Dax-Konzern will Gesetzesverstöße durch mehr Kontrolle verhindern

aschheim /DPA/RTR - Nach den Kursgewittern der vergangenen Monate will der Dax-Konzern Wirecard Börsenspekulanten keine Angriffsflächen mehr bieten. Vorstandschef Markus Braun räumte bei der Bilanzvorlage Qualitätsmängel in der Buchhaltung des kleinen Geschäftsbereichs Software und Softwarelizenzen ein, nicht jedoch kriminelle Absichten der beteiligten Mitarbeiter in Singapur: „Wir haben keinerlei Anzeichen für vorsätzliches Verhalten gefunden.“

Eine Taskforce soll sicherstellen, dass sich Verstöße nicht wiederholen.

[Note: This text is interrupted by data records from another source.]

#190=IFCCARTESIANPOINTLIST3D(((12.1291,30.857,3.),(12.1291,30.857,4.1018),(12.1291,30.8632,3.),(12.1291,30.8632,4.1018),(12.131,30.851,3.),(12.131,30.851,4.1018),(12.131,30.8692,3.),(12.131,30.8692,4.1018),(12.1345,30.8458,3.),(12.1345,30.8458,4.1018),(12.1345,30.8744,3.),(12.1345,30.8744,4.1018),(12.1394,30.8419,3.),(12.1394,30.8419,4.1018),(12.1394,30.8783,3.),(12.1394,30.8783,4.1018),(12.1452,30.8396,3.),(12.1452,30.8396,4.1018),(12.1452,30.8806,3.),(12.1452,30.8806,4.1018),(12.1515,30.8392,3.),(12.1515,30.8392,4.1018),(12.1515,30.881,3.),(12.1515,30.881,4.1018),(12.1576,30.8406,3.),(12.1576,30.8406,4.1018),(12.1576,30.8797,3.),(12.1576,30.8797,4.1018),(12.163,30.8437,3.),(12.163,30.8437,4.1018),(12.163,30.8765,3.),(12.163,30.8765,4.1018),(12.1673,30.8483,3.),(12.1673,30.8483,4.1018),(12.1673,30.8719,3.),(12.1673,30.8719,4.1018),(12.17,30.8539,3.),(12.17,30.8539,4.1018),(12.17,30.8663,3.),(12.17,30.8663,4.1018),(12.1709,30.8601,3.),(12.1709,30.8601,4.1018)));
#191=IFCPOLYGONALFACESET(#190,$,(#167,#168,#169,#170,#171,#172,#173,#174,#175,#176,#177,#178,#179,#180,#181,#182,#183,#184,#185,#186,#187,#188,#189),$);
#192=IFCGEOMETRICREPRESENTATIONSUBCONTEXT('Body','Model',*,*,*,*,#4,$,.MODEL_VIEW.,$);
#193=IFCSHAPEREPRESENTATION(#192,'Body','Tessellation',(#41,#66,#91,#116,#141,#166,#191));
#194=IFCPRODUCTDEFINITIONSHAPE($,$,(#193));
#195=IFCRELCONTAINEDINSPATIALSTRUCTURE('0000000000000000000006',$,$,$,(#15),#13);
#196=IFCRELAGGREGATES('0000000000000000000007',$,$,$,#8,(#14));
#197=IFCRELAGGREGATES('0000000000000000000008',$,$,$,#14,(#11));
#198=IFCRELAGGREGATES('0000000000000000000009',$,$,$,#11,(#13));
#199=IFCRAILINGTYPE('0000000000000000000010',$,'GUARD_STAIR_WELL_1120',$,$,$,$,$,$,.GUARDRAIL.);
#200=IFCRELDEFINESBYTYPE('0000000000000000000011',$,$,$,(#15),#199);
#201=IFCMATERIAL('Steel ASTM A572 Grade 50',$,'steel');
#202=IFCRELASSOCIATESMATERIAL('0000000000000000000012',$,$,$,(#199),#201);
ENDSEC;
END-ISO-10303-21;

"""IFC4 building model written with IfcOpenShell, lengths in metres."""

Ungeachtet dessen geht die Spitze des mit zwei Milliarden Euro Umsatz kleinsten Dax-Konzerns von rekordverdächtigem Wachstum in den nächsten Jahren aus. Negativberichte der Londoner „Financial Times“ („FT“) über Falsch- und Fehlbuchungen von Wirecard-Mitarbeitern in Singapur hatten dramatische Kursverluste der Aktie zur Folge.

Die von Wirecard in Auftrag gegebene Untersuchung einer Singapurer Anwaltskanzlei ergab, dass es in dem südostasiatischen Inselstaat Gesetzesverstöße gegen Bilanzierungsvorschriften im einstelligen Millionenbereich gab; aber weniger gravierend als in den „FT“-Berichten dargestellt. Im Geschäftsbericht erteilten die Wirtschaftsprüfer Wirecard ein uneingeschränktes Testat für 2018. Die Ergebnisse der Untersuchungen erforderten keine Korrekturen an den Geschäftszahlen, schrieben die Prüfer von EY. Es sei aber nicht ausgeschlossen, dass sich das infolge der laufenden Ermittlungen der Behörden in Singapur ändern könnte.

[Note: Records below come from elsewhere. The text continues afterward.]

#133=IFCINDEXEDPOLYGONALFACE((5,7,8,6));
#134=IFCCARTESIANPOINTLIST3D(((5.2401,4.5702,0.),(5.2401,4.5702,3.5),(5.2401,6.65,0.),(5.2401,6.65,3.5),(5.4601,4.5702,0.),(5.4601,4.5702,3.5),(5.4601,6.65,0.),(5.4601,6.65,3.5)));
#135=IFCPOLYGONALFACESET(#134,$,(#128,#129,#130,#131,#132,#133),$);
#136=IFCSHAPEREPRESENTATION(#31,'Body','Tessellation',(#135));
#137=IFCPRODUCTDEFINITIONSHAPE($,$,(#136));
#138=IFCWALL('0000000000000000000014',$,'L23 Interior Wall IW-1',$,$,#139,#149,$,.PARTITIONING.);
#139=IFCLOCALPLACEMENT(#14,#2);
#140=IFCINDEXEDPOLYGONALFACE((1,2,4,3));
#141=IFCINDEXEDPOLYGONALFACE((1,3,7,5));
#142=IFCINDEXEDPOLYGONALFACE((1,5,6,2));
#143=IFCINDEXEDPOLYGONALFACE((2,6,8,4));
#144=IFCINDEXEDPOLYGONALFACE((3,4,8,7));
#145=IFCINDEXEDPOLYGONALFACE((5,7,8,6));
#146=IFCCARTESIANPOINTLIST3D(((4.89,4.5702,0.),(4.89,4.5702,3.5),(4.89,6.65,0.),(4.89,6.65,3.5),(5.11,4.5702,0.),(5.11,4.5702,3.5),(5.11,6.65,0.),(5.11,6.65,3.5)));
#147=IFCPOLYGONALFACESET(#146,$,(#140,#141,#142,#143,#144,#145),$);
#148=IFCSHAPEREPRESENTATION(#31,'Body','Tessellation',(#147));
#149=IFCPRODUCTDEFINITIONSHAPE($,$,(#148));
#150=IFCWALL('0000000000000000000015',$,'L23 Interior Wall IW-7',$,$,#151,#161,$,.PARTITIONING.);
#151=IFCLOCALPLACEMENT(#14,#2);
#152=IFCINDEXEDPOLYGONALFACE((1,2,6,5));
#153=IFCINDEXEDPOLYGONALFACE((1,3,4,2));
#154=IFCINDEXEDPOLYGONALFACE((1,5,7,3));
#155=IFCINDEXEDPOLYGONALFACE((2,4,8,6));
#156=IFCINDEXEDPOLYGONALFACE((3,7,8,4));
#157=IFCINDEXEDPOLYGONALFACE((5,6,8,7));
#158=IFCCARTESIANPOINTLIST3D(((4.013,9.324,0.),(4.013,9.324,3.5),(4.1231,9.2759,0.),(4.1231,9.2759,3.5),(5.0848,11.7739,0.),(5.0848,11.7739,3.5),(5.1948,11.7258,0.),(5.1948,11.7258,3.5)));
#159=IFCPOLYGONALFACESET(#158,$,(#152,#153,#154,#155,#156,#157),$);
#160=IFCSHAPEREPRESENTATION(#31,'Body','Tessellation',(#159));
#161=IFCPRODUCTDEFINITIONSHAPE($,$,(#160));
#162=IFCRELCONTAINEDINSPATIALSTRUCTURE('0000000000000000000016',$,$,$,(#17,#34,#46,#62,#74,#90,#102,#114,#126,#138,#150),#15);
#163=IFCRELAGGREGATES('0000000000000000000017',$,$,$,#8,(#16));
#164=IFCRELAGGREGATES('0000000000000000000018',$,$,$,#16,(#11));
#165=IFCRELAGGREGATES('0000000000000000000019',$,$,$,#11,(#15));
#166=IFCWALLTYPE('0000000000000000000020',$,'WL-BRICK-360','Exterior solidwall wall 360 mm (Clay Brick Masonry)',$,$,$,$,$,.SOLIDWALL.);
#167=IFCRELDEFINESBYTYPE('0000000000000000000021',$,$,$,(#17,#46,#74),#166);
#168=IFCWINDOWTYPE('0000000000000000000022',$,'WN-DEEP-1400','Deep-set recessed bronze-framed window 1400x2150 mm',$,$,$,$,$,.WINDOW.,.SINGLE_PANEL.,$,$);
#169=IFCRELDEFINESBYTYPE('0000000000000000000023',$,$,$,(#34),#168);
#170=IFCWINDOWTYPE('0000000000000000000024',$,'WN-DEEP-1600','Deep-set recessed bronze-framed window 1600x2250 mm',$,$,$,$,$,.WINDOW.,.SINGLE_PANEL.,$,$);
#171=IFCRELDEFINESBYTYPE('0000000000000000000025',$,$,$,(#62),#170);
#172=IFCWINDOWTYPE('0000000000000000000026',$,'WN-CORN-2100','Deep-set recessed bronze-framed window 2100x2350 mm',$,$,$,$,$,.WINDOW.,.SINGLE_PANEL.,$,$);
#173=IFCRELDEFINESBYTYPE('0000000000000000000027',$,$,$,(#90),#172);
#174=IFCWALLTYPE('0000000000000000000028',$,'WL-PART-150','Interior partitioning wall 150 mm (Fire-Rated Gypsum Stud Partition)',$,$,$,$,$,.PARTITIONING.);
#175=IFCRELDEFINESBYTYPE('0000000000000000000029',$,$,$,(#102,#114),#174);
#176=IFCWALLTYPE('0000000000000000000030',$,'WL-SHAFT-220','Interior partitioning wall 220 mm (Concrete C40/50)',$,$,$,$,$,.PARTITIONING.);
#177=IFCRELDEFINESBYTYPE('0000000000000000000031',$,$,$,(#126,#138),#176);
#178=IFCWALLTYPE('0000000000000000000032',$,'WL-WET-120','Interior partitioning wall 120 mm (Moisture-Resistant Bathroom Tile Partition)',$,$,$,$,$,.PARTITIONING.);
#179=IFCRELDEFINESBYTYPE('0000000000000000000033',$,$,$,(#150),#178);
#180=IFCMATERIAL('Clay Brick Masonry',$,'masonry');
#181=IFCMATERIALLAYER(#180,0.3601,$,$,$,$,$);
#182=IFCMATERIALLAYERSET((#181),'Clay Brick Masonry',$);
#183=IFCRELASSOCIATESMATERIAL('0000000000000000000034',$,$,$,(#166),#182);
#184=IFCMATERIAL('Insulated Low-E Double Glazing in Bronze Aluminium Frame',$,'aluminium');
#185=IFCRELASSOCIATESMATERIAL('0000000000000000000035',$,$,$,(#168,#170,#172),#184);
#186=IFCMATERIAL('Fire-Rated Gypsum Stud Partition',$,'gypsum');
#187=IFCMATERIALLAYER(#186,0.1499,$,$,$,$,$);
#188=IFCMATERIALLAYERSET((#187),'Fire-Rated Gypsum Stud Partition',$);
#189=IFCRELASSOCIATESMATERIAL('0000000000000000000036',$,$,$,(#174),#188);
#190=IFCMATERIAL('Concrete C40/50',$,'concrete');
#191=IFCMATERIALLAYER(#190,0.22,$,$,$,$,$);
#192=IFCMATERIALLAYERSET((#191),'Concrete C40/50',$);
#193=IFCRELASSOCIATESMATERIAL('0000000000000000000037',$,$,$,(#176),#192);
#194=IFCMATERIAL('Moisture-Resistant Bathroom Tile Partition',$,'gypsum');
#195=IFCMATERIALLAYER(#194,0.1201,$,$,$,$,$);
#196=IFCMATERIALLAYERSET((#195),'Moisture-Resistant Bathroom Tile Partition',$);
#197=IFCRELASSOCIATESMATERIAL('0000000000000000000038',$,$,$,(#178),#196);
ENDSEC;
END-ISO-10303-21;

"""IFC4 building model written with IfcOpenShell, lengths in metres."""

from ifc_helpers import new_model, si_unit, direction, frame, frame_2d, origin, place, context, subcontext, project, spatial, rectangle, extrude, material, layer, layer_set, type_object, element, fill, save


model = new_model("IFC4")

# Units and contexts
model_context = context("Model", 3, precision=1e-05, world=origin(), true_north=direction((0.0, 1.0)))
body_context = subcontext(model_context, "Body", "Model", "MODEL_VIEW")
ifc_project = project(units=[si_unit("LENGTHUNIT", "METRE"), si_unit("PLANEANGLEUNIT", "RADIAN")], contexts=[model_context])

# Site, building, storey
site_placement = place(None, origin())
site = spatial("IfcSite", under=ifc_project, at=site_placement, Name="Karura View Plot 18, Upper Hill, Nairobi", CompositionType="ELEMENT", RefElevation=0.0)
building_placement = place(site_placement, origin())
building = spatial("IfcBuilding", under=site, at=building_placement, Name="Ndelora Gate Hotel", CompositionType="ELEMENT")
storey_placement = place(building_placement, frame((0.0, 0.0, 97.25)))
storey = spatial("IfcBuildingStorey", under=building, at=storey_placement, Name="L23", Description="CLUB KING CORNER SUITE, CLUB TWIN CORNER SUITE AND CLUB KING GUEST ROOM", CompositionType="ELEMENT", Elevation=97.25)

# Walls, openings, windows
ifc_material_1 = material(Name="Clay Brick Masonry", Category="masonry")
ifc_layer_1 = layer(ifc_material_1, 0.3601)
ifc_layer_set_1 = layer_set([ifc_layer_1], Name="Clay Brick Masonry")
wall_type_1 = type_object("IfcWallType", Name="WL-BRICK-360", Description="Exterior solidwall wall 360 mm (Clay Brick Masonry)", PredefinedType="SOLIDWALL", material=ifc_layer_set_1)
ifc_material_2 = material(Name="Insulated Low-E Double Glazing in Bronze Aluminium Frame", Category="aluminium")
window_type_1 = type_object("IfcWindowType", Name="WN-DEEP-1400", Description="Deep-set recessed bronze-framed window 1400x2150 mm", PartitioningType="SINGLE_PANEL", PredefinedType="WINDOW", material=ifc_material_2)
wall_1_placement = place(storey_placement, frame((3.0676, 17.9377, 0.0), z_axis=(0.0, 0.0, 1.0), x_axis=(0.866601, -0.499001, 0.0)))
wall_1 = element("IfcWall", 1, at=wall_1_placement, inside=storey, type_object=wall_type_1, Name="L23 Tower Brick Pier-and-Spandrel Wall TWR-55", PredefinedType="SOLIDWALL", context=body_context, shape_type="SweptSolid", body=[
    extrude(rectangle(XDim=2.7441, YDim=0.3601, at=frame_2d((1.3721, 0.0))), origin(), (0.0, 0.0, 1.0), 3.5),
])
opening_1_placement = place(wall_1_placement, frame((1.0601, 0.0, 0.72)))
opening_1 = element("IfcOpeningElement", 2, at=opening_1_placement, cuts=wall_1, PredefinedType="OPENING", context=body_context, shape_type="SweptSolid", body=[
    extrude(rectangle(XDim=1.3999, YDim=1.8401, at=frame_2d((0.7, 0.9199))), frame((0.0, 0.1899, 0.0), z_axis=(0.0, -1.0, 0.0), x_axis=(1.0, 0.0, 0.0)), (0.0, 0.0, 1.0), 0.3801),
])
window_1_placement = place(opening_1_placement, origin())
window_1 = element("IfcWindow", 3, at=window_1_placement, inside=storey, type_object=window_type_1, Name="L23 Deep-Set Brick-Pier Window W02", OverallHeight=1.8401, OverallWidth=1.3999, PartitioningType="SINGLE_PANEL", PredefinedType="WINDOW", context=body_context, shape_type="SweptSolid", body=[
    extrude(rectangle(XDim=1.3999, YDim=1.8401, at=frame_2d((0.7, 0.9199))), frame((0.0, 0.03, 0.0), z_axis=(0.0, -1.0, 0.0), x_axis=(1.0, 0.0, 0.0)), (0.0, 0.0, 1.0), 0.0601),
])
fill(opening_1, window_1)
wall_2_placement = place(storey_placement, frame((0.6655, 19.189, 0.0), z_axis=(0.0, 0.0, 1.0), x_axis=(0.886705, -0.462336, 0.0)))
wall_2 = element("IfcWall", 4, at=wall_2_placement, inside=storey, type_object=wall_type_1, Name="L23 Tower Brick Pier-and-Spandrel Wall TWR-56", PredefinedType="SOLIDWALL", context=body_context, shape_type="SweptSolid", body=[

Sowohl die Münchner Staatsanwaltschaft als auch die Finanzaufsicht Bafin gehen davon aus, dass es eine gezielte – und illegale – Attacke von Börsenspekulanten gab, und haben daher Ermittlungen eingeleitet. „Haben wir Fehler gemacht? Natürlich“, sagte Braun. Hauptgeschäft von Wirecard ist die Abwicklung bargeldlosen Bezahlens sowohl online als auch in Geschäften. Das auf der Wirecard-Plattform abgewickelte Transaktionsvolumen stieg 2018 um gut 37 Prozent auf 124,9 Milliarden Euro. Davon zieht Wirecard Gebühren für die Abwicklung und Absicherung ein. In diesem Jahr rechnet das Unternehmen damit, den operativen Gewinn von 560 auf 740 bis 800 Millionen Euro steigern zu können. Das wäre erneut ein Plus von einem Drittel oder mehr.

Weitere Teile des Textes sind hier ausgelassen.